Family Entertainment Centres 2.0

Recently, a convergence of factors are incentivising the development of family entertainment centres within malls. This is the case especially in Asia. This product type represents a large market opportunity for retail landlords and operators; here is a look at the factors driving this trend.

  • Questionable Profitability of Outdoor Theme Parks – Traditional theme parks are too expensive to be within reach for most developers.
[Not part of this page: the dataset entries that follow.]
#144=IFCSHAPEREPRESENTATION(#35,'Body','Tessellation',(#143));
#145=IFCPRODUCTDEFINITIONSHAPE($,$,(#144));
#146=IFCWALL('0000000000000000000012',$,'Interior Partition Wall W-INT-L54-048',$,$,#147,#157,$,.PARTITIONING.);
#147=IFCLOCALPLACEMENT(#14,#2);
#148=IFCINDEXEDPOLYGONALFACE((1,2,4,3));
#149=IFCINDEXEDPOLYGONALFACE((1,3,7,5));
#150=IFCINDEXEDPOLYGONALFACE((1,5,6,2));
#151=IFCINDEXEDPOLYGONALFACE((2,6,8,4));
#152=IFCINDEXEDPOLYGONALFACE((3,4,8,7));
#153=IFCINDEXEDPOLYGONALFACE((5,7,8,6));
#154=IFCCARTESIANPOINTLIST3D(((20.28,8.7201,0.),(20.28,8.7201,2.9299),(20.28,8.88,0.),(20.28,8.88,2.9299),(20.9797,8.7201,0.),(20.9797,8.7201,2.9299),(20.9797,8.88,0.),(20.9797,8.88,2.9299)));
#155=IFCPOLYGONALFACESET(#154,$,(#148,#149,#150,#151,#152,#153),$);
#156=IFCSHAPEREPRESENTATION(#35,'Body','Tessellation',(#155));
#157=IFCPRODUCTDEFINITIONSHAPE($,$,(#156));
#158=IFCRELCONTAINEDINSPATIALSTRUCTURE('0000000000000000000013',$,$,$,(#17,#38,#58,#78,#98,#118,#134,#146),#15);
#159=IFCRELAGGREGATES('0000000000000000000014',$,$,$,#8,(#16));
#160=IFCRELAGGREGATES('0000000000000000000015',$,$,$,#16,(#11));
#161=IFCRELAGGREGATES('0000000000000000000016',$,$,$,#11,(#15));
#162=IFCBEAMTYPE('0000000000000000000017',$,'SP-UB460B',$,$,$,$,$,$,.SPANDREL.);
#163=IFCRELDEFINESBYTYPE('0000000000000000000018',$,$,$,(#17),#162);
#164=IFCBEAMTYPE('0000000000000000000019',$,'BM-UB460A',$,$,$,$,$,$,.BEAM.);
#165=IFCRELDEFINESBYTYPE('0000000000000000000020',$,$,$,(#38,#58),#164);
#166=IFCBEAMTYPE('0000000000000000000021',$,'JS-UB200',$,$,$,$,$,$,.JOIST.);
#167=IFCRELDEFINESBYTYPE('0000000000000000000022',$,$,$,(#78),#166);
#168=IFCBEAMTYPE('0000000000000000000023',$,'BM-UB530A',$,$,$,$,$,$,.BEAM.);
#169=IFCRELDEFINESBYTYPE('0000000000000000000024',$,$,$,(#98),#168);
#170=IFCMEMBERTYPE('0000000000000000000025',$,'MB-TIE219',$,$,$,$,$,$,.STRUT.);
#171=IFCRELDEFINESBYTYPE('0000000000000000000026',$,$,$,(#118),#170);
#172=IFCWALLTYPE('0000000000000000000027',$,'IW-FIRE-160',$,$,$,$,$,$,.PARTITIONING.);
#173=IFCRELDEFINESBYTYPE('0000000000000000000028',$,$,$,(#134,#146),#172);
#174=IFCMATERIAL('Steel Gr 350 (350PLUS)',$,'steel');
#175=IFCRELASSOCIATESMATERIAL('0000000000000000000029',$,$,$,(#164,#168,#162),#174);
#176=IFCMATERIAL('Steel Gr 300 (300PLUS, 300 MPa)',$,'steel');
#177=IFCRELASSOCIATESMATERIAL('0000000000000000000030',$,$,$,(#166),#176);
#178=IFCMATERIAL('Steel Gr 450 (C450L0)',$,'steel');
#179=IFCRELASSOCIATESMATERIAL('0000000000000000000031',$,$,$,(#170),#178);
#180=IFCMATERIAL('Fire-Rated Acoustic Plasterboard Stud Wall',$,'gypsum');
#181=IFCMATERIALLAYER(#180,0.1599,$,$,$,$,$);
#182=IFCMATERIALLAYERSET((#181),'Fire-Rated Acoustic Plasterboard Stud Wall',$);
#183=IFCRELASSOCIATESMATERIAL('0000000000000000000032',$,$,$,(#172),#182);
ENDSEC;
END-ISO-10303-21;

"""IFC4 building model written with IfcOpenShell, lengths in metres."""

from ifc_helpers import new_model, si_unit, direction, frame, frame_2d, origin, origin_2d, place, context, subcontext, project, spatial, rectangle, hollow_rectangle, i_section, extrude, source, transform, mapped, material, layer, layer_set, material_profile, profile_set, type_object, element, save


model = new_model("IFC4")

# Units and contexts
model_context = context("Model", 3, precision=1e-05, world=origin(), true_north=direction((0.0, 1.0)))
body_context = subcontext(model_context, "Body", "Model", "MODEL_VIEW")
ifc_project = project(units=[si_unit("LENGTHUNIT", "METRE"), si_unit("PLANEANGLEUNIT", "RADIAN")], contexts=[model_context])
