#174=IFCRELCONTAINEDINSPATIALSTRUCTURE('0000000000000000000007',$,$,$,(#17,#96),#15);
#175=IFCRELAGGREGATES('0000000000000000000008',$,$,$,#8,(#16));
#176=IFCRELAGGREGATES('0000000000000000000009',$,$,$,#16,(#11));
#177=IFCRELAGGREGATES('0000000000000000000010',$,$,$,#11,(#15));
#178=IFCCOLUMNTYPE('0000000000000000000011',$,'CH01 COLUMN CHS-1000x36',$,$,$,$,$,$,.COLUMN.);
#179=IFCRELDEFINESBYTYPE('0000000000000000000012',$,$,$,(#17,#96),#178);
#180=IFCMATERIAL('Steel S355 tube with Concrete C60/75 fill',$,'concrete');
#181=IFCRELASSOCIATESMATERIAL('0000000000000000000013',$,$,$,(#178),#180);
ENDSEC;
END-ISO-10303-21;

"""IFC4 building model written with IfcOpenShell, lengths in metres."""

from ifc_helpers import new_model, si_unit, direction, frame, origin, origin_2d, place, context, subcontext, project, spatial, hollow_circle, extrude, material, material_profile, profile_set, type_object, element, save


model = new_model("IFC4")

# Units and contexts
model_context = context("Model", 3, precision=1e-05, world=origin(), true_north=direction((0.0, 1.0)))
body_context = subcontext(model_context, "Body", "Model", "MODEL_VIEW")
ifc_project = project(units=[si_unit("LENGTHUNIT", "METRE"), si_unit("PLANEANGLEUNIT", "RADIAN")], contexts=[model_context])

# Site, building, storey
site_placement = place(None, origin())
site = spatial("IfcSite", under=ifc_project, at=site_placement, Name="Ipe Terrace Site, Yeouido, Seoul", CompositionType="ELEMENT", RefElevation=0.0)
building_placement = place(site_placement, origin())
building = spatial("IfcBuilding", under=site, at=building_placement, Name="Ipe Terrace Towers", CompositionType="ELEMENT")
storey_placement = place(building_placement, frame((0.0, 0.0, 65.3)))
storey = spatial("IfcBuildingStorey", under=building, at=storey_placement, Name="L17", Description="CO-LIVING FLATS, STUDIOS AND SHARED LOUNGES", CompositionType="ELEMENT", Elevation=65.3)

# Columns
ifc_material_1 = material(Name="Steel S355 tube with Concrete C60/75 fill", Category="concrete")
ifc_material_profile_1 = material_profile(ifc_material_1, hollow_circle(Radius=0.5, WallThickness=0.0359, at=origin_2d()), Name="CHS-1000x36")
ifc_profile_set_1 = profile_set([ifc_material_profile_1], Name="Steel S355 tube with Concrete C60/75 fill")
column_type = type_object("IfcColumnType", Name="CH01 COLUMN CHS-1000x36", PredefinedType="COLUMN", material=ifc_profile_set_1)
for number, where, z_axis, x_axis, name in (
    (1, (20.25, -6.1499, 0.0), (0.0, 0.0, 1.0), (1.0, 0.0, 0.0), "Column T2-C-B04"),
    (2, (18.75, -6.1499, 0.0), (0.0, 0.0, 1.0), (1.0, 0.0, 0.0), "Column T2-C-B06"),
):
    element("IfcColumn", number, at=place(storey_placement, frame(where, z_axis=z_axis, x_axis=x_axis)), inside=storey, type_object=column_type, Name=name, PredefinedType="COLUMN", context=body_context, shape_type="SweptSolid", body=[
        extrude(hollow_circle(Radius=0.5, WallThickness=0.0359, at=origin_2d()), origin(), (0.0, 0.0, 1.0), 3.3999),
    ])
For the most salient examples, we need only to look at the Disney and Universal parks in Asia.In recent years, every Disney and Universal park has cost on the order of $2 to $6 billion USD, when factoring in all of the infrastructure development and land costs. These have only been built because they were financed with favorable loans, subsidies, and other schemes (i.e. casino licenses) granted by various governments. Costs are astronomical for various reasons. One major reason is land. A large outdoor park needs to be next to a center of population, yet land prices are increasing at rapid rates in most developing cities with population growth and urbanisation. Simultaneously, every new theme park opening competes with the weight of 30 to 50 years of increased expectations about what theme parks can and should include. Imagine trying to compete with Disney when they spend $70 million on a parade alone. This type of scale and financing is available only to a few firms around the world, much less attraction-focused developers or operators.

 

  • Profitability of Indoor Parks – simultaneously, indoor parks are both within greater reach and more profitable to most developers and operators. For outdoor theme parks, profits per visitor can range from $5 to $200. At the same time, however, development costs can be between $100 to $600+ per annual visitor. For indoor parks, while average profits per visitor are lower, at between $5 and $40, development costs also bound in a lower range, at between $30 to $100 per visitor. These economics arise because of the constrained nature of ticket prices versus the relatively unconstrained, high costs of development. It is difficult to justify paying more than $50 to $100 for an attraction. On the other hand, because outdoor theme parks are so sizable, land and infrastructure costs can be astronomical. In many ways, an indoor attraction is a more efficient use of space.

 

  • Favorable Youth Demographics – the median age in many Asian countries is in the 20s and early 30s. This indicates a deep youth population (those under the age of 14), and with rising incomes and expectations, parents are spending more on their children. Compare to the median age in the 20s in countries like Malaysia and the Philippines, against median ages in the 40s in developed nations like Germany or the United States.

 

  • Malls in Asia – mall development in Asia is intense and world-leading. The largest malls in the world are mostly in Asia, and the region accounts for nearly 80% of the retail space under construction globally. Shopping malls in Asia are more than just shopping. They are virtual town centers with banks and health clinics, and places to enjoy air conditioning (especially during sweltering summers). With as many malls as the region is building, we think it is very probable that at some point a retail glut will lead them to start looking for other types of retailers. Even if there is no retail glut, the raw economics – and the benefit of having a traffic-draw in the form of an attraction – will lead others to explore this space.

 

  • Market Gap – When it comes to attraction tenants, on the one end, there are children’s playrooms, which are essentially adult-accompanied playrooms for children. These are 500 to 1,000 square meter padded playgrounds for children to run around in.  While some have themes, they are mostly generic and are numerous. On the other end, there are some very large indoor theme parks which are essentially outdoor parks with shells on them – Trans Studio and Lotte World come to mind.  These are parks that are upwards of 100,000 square meters in size.In the middle, there is an attraction-tenant zone of 2,000 to 9,000 square meters with few successful entries. Some of the popular brands include Kidzania, Lego Discovery Center, and Sega Joypolis.  With a few exceptions, their entry into Asia is relatively recent – with a rush of activity beginning in 2014-2015.  We see their expansion as a vote of trust in this space.Moreover, their positioning allows gaps. Namely, entire family activities, F&B integration, and participatory play. Some of the most frequently-mentioned complaints to these attractions include the lack of quality food and beverage, and the lack of activities for adults – who do little else but wait. We are reminded here of the success of operators like Dave & Busters in North America we can’t help but think that an operator who integrates food and beverage with entertainment might be on the path to success.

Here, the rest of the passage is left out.